3 snows, 6" then 4" then about 4" so thats like 14" something like that LOL We had all that blowing snow too


----------



## Young Pup

Well, I am in again. I agee if it snows then we are scheduling one every other day or so.


----------



## Young Pup

bump bump bump


----------



## RhinoL&L

come on guys lets get some more people to come to this! LOL bump!


----------



## Clapper&Company

T.T.T


Lets do this !!!


----------



## Sydenstricker Landscaping

Who is going to work the RSVP's again?? I am still in!!! Maybe we will get a big stormI like to tease myself like that, lol


----------



## f250man

No good for me I will be back up at the iland working.


----------



## RhinoL&L

bumpin it back up top!:bluebounc


----------



## SnowGuy

Going to try for the meet Saturday. Wife will probably tag along. Looking forward to meeting you guys !!!

Jerry T


----------



## Clapper&Company

Jerry JERRY JERRY!!!! LOL

You guys getting snow?


----------



## SnowGuy

Getting enough snow to piss me off !!! Not enough to plow. Where can you go and get a job for $75,000 to $100,000 per year and be wrong 75%-80% of the time ???? Be a meteorologist (weatherman) !!! LOL


----------



## RhinoL&L

bump bump bump! free bump!


----------



## AESC

what part of 71 is this? around 30? i beleive exit 200 ish is I-76/224 which is 30 minutes from me. so exit 169 should be about an hour from me. 

I will come if it doent snow. i love applebee's and if it snows down there i will plow my truck is to clean.


----------



## Sydenstricker Landscaping

Im not going.

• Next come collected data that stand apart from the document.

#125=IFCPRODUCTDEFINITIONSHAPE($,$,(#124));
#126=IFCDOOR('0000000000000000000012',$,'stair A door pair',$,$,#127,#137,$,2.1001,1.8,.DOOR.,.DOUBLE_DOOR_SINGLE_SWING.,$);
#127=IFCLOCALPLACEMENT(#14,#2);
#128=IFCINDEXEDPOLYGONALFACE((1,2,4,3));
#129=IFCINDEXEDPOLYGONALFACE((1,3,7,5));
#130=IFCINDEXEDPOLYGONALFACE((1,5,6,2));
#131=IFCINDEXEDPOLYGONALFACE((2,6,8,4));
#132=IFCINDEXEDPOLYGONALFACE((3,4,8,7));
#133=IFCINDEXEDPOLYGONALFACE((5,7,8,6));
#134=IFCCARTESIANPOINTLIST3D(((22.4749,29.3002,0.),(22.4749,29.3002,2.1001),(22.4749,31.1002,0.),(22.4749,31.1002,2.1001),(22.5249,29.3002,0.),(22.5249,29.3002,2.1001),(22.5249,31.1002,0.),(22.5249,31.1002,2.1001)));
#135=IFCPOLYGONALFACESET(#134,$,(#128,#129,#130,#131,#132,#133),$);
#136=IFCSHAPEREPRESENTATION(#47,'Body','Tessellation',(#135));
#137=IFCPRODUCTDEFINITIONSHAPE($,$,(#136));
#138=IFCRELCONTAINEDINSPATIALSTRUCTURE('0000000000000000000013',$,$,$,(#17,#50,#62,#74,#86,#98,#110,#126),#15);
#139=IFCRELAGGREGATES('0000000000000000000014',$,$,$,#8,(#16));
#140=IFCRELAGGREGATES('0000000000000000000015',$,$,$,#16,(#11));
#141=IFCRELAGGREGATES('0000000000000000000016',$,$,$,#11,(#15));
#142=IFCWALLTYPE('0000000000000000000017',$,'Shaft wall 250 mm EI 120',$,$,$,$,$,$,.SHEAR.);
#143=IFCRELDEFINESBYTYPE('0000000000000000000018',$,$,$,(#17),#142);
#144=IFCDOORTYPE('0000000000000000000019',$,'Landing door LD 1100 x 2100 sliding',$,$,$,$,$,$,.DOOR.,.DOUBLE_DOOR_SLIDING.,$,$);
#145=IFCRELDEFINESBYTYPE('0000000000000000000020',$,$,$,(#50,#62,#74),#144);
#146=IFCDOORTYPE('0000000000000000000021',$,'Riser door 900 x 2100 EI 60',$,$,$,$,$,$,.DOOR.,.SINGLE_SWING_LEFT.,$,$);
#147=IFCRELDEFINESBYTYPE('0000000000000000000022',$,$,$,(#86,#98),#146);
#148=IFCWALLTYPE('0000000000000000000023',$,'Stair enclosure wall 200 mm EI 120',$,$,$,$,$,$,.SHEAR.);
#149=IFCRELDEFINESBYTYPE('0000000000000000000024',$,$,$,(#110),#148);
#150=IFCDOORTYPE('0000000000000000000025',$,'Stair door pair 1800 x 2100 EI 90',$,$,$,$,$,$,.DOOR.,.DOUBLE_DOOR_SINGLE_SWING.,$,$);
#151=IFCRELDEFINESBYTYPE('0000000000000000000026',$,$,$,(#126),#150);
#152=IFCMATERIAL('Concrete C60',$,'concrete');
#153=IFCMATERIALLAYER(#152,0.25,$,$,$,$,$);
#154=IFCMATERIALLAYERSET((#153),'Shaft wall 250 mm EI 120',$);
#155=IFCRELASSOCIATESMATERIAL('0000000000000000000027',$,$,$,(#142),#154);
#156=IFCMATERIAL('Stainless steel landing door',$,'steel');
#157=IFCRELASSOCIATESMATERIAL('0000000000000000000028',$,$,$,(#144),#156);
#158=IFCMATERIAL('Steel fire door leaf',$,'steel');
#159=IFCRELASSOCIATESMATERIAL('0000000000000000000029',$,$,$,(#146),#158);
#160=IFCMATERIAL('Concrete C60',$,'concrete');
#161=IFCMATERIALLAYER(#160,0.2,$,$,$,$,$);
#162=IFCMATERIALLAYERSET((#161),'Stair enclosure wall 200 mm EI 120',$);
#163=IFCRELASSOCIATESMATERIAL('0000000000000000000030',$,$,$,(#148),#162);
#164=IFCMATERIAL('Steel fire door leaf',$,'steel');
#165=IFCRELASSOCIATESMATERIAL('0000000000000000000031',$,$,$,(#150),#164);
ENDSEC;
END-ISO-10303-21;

I am sicker than crap now. There is absolutly no way I could even possibly drive that far right now. Sorry!!!


----------



## RhinoL&L

are we going to take our trucks? just wondering.


----------



## Young Pup

Do we have a count on this yet? Chime in guys. Looks like we might be missing some guys from what I have read.I really would like to meet about everyone we can.


----------



## Frostysnow

AESC I think, the exit is just after rt. 30. I know it is south of 30 and south of Ashland if that helps any. 

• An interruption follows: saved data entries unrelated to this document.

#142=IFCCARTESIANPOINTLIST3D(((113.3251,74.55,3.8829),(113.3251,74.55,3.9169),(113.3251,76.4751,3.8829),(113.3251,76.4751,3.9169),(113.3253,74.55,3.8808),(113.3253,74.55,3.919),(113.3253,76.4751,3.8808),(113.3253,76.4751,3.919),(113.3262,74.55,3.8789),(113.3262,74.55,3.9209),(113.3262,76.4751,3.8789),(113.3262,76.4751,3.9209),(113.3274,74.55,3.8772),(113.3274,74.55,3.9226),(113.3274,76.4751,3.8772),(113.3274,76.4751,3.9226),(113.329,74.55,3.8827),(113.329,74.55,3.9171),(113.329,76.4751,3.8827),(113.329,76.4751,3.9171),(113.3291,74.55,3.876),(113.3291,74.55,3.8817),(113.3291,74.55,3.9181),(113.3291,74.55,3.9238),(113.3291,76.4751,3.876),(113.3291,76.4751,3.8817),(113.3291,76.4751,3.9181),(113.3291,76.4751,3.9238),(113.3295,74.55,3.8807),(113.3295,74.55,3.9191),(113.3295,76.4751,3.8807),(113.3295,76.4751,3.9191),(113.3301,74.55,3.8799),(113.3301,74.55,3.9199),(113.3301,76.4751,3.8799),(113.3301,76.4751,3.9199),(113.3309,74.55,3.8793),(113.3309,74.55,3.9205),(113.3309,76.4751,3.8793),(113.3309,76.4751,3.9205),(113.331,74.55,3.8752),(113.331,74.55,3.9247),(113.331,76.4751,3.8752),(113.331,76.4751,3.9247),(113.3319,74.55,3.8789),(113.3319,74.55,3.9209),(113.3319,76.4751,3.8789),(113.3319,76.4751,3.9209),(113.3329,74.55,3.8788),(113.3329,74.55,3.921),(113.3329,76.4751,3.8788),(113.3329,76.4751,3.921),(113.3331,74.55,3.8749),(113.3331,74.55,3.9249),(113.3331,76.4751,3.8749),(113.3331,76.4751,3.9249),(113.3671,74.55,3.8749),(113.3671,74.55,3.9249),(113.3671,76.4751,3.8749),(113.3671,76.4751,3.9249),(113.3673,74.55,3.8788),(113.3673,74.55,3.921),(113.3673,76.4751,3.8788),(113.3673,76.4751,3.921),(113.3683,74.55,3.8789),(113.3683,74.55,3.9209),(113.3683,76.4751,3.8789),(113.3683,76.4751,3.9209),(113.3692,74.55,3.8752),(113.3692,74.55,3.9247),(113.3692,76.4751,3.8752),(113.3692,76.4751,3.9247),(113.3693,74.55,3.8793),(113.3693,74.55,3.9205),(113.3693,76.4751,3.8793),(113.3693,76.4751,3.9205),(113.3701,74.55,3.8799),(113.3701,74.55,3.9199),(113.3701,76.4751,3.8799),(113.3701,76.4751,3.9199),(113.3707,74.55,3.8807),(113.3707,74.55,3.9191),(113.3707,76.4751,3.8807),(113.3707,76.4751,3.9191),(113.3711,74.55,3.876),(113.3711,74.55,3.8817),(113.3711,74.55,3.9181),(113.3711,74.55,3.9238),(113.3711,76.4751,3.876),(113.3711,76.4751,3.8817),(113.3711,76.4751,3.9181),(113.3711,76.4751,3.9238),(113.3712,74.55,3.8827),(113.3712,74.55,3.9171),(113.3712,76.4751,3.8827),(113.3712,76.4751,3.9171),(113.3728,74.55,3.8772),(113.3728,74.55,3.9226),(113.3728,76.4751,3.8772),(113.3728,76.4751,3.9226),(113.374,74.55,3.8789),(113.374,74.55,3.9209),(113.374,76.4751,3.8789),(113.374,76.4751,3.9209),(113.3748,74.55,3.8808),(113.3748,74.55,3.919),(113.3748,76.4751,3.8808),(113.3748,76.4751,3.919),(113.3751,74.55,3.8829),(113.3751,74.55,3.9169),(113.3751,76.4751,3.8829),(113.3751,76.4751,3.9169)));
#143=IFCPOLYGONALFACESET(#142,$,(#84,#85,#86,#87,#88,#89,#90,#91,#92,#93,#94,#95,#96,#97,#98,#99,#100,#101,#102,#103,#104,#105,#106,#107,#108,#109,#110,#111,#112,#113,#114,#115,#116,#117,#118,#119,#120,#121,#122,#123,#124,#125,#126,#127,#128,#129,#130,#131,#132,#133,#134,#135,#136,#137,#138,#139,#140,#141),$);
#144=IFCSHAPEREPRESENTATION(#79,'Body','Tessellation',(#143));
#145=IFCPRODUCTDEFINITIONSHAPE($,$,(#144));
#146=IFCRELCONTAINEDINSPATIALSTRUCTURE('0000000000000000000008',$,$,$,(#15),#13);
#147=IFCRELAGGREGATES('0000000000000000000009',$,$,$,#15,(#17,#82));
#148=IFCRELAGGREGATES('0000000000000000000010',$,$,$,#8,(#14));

Rhino, I'm bringing my truck but I live just about 10mins away so it doesn't really matter for me. With high fuel prices i wouldn't be disappointed if everyone didn't drive their trucks. I know for me to drive my truck to cleveland and back right now cost about $30, which is more than my food will cost at Applebees


----------



## RhinoL&L

Young Pup;476480 said:


> Do we have a count on this yet? Chime in guys. Looks like we might be missing some guys from what I have read.I really would like to meet about everyone we can.

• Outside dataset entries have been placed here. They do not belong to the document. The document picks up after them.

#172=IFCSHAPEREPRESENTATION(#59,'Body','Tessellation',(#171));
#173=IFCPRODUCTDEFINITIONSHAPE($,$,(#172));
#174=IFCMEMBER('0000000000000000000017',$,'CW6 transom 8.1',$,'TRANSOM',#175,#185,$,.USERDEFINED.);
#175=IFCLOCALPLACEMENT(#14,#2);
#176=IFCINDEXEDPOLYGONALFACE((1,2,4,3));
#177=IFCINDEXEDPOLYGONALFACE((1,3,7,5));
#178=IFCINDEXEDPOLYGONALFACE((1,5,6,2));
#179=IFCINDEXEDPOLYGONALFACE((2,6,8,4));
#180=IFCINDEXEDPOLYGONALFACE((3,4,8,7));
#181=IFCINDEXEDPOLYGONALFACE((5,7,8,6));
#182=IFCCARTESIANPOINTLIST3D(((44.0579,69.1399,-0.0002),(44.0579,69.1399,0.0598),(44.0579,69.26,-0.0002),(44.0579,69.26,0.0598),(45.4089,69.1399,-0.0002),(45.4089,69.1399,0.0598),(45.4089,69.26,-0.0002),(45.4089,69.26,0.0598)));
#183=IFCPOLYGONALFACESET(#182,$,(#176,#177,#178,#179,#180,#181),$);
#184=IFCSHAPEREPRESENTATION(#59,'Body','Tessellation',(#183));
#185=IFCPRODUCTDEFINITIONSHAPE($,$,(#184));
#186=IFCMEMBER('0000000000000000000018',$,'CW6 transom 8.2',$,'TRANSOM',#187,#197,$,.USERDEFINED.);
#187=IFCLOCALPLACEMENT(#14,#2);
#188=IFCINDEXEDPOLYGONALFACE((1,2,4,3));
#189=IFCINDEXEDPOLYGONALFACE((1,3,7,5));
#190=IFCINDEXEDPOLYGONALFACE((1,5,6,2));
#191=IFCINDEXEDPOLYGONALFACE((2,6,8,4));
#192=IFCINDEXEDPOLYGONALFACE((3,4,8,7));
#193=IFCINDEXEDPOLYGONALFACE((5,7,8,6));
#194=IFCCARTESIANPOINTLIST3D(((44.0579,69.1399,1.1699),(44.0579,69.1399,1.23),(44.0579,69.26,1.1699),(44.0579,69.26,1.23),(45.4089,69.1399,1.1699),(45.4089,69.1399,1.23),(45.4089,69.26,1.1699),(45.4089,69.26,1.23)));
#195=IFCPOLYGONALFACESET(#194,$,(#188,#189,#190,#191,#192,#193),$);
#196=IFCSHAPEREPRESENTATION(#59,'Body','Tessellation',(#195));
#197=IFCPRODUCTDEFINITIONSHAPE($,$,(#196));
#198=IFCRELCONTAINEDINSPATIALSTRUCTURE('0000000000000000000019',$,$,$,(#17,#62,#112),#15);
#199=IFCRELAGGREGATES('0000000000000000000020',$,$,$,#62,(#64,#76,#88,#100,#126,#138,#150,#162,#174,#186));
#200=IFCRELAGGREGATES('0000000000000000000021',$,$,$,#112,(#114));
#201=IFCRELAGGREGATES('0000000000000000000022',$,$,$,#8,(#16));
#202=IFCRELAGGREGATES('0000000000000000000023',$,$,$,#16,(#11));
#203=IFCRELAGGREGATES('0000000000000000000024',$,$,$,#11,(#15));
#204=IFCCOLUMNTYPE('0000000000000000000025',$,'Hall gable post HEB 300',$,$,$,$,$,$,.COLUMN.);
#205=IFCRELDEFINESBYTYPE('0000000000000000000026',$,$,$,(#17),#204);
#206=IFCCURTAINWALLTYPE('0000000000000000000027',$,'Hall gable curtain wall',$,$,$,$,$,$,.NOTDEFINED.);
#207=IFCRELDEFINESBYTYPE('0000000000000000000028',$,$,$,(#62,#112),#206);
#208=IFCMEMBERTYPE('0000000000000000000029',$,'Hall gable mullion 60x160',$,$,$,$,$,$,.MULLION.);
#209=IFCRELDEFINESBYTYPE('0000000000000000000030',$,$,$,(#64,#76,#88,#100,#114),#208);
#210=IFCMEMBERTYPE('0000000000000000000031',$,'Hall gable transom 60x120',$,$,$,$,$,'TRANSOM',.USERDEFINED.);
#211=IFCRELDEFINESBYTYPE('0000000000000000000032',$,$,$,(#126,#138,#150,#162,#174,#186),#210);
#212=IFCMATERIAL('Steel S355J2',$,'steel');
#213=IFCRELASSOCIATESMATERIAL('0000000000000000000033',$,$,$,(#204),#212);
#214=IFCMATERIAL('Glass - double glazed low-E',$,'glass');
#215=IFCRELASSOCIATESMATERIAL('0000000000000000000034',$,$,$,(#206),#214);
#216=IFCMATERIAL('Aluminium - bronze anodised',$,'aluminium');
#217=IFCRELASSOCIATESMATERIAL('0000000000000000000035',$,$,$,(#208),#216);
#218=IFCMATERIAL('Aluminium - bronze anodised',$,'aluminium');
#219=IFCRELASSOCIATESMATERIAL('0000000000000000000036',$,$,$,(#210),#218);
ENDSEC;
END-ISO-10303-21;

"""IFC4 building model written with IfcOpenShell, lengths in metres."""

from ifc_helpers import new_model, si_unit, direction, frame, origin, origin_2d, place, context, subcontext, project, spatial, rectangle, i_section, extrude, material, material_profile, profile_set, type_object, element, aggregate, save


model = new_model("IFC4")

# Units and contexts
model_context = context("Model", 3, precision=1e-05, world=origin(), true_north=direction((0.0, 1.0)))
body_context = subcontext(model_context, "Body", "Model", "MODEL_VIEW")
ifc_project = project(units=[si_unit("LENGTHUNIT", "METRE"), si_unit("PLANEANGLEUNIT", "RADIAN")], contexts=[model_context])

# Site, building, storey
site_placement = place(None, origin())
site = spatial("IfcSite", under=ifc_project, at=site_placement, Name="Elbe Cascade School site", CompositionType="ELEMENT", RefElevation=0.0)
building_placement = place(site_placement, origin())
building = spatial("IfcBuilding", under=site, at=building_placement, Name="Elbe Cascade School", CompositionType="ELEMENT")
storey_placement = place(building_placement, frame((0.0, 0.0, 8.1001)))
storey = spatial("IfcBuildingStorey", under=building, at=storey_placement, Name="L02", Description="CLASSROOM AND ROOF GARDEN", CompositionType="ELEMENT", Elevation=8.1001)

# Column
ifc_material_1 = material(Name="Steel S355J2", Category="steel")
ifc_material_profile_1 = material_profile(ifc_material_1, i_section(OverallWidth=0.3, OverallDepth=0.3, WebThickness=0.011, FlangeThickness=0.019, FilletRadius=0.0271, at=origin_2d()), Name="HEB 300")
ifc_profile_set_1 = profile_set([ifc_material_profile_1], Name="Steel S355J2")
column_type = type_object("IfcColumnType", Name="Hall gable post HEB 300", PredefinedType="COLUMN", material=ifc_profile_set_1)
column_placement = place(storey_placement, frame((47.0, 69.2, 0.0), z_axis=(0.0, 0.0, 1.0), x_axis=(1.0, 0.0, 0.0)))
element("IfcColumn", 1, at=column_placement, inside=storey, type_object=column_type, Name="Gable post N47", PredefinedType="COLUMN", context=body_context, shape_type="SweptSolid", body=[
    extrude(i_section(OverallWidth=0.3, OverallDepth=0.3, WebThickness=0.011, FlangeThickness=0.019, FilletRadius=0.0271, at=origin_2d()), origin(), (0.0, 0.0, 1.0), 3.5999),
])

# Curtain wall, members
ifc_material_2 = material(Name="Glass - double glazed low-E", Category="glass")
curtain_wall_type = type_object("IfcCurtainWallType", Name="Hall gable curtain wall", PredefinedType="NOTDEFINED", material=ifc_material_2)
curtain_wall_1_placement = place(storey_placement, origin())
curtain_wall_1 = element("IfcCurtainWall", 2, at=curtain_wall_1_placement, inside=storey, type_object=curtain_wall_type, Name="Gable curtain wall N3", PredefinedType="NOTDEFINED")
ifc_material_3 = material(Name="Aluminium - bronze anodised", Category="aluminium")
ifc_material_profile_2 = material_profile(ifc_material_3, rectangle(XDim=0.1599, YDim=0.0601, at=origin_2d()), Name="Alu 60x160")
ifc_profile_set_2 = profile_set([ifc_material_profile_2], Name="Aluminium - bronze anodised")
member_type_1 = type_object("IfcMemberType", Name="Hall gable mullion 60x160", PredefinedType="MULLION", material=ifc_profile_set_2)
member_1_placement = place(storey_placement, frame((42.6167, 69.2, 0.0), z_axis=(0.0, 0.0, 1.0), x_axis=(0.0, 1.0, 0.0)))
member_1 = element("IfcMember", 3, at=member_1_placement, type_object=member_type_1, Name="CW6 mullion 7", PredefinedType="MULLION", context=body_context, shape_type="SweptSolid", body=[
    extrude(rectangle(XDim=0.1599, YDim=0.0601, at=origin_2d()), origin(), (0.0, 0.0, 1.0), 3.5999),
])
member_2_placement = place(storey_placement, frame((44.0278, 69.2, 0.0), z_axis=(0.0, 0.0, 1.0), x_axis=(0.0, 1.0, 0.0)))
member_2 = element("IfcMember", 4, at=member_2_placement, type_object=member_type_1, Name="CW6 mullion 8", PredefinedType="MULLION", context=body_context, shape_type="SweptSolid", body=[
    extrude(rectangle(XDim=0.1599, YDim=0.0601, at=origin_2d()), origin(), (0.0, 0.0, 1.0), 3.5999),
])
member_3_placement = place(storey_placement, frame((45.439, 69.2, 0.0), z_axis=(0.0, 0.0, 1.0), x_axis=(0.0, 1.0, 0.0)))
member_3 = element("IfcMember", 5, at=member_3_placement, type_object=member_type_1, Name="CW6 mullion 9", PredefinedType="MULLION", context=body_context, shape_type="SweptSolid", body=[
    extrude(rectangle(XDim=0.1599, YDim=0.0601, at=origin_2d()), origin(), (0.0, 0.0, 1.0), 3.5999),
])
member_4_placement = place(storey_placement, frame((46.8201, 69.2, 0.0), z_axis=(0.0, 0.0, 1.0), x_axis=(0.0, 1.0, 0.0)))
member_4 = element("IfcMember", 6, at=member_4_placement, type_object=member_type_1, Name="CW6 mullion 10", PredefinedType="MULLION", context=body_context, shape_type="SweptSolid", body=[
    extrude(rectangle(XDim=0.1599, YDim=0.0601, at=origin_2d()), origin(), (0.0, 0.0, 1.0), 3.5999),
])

yeah i was wondering the same thing... is anyone doing a count or rsvp?


----------



## kashman

how far is this from cleveland im on the lake well my backyard is


----------



## Sydenstricker Landscaping

It is about an hour and a half south of Cleveland down 71.


----------



## AESC

i will be there. i will drive the truck cause i doubt the wife would want to drive it to her mom's and showing up in a mini van is a no no. but leave the plow off and take off the light to keep drag down. maybe wax the truck so i can break 10mpg. CAR POOL anyone?


----------



## Clapper&Company

I'll be there !!!!

I think Andrew (bossman92) is also coming.

AESC We could truck pool if you wanted !!


----------



## Young Pup

I have a count from this thead of 8 coming? That is with bossman and kashman added in. What are everyones thoughts on this. Is 8 enough? or shall we try for the following weekend. 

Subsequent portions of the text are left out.